A qualidade da produção de treinamento de uma consultoria está intimamente ligada ao ambiente competitivo que ela trabalha, uma consultoria geralmente está ligada com o mercado e aprimorando seus resultados constantemente para permanecerem competitivas. Como você garantirá isso em sua equipe?

Todos estão preparados para a mudança?

A expectativa é de que ao fazer essa transição da produção de treinamento, as coisas continuarão correndo como antes, mas esse é um engano.
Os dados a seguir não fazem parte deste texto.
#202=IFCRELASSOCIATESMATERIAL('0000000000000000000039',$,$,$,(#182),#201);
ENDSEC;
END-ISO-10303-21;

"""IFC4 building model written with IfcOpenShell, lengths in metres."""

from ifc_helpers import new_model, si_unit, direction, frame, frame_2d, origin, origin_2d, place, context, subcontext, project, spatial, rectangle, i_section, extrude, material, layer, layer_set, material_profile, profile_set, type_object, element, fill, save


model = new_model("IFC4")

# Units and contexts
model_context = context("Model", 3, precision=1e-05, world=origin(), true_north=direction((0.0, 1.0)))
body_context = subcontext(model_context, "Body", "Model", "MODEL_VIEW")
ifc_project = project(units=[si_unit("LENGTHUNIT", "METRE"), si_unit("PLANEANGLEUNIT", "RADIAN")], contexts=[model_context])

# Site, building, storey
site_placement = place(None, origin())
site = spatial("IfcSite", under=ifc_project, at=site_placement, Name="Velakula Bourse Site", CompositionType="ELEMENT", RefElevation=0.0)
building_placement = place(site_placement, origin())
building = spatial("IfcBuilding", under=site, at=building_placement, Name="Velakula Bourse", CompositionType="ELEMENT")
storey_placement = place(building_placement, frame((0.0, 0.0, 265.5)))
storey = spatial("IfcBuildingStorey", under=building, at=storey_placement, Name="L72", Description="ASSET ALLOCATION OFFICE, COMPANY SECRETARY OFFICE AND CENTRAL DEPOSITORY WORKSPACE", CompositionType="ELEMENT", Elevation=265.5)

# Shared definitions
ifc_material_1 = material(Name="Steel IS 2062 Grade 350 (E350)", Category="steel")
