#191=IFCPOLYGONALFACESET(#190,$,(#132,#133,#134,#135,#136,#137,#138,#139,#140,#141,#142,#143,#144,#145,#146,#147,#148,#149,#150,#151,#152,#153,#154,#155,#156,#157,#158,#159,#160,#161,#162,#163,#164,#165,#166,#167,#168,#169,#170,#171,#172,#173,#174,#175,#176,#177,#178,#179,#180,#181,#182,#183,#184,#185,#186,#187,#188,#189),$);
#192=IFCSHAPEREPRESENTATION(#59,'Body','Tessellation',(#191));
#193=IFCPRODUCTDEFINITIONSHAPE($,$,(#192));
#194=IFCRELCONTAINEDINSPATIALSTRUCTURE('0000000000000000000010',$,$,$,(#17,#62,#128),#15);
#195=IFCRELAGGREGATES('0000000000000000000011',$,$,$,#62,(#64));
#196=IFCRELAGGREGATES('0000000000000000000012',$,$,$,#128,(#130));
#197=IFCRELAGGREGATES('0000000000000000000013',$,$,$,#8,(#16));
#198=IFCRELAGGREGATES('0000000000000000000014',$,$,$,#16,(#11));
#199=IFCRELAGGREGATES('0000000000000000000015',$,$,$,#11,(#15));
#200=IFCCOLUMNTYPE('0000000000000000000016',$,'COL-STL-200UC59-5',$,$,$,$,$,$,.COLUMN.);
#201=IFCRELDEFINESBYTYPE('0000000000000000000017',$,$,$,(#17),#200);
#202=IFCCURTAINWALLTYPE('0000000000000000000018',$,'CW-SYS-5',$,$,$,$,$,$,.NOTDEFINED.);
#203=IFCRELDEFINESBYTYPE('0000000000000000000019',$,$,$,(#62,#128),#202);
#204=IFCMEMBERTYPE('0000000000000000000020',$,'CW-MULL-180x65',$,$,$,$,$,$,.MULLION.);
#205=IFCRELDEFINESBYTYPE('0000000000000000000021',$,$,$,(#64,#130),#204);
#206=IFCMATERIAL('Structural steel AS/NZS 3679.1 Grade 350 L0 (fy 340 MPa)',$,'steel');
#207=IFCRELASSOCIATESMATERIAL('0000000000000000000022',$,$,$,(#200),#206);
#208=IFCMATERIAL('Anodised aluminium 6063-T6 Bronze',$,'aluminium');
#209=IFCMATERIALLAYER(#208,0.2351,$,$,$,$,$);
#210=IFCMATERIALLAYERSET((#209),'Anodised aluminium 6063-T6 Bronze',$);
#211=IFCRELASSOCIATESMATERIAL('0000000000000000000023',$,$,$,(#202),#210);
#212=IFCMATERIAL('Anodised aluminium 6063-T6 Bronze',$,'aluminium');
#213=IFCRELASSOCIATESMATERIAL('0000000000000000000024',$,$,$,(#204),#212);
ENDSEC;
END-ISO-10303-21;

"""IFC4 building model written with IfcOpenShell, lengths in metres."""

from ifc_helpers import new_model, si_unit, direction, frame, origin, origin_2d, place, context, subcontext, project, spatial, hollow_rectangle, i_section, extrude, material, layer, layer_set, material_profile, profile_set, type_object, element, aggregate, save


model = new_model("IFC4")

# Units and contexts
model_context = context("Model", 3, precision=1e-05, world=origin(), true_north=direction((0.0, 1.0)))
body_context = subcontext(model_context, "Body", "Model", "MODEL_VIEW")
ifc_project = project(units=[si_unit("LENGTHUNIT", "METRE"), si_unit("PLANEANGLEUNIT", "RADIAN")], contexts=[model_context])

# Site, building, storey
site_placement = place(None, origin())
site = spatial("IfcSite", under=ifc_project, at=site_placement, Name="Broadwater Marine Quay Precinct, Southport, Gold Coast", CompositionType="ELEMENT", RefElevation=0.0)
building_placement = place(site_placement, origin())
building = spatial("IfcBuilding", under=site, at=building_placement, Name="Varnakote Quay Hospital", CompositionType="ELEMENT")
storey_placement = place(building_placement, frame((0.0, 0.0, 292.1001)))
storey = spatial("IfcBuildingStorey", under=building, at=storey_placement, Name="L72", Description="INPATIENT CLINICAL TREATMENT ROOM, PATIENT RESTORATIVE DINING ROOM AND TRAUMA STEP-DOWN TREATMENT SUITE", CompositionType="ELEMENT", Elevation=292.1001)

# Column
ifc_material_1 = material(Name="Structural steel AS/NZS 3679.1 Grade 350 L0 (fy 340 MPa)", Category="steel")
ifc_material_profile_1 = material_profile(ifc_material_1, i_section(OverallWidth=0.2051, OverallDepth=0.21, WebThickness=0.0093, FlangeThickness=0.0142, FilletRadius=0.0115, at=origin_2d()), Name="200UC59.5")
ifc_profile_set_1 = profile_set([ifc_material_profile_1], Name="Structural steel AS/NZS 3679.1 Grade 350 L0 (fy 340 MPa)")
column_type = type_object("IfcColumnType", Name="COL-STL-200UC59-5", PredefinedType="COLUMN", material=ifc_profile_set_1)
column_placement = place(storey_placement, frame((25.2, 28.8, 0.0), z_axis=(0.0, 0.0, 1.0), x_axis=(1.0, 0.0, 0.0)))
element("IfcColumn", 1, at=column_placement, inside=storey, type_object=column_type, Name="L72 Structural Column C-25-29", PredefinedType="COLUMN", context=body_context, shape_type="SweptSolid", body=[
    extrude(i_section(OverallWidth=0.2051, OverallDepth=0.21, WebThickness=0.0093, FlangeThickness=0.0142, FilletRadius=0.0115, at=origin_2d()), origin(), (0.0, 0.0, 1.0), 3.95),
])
O objetivo foi exatamente incluir novas tarefas no cotidiano, então como esperar que as coisas fiquem iguais? A partir da implantação a equipe vai ter que estar acostumada e adaptada com as novas rotinas, processos e atividades. Todos estarão realmente preparados para isto?

É possível ser plenamente autossuficiente?

Visto todos os pontos mencionados acima, podemos concluir que é realmente muito difícil garantir a autossuficiência na produção de treinamento, mas não completamente impossível. Existem casos de sucesso de empresas que fizeram esta implantação.

Após a implementação, elas tiveram que lidar com diversos desafios que incluem desde a gestão de um grande time multitarefas, quanto a inevitável diminuição na qualidade de algumas entregas.

Deu certo? Depende do ponto de vista. A questão é sempre estar atento e preparado para diferentes realidades e situações.

Algo que pode ter funcionado em um segmento pode não funcionar me outro, além da necessidade de um apoio interno das altas lideranças, que nem sempre é possível.

Ah, e não é porque existe a decisão de internalizar a produção de treinamento, que significa que a companhia precise estar totalmente sozinha nesse processo.

Existem parceiros que podem lhe ajudar na implantação deste processo. Basta você saber o que está fazendo ou se está tendo o suporte necessário para que este possa ser um caso sucesso, aceitar a sua realidade e colocar tudo na balança é fundamental.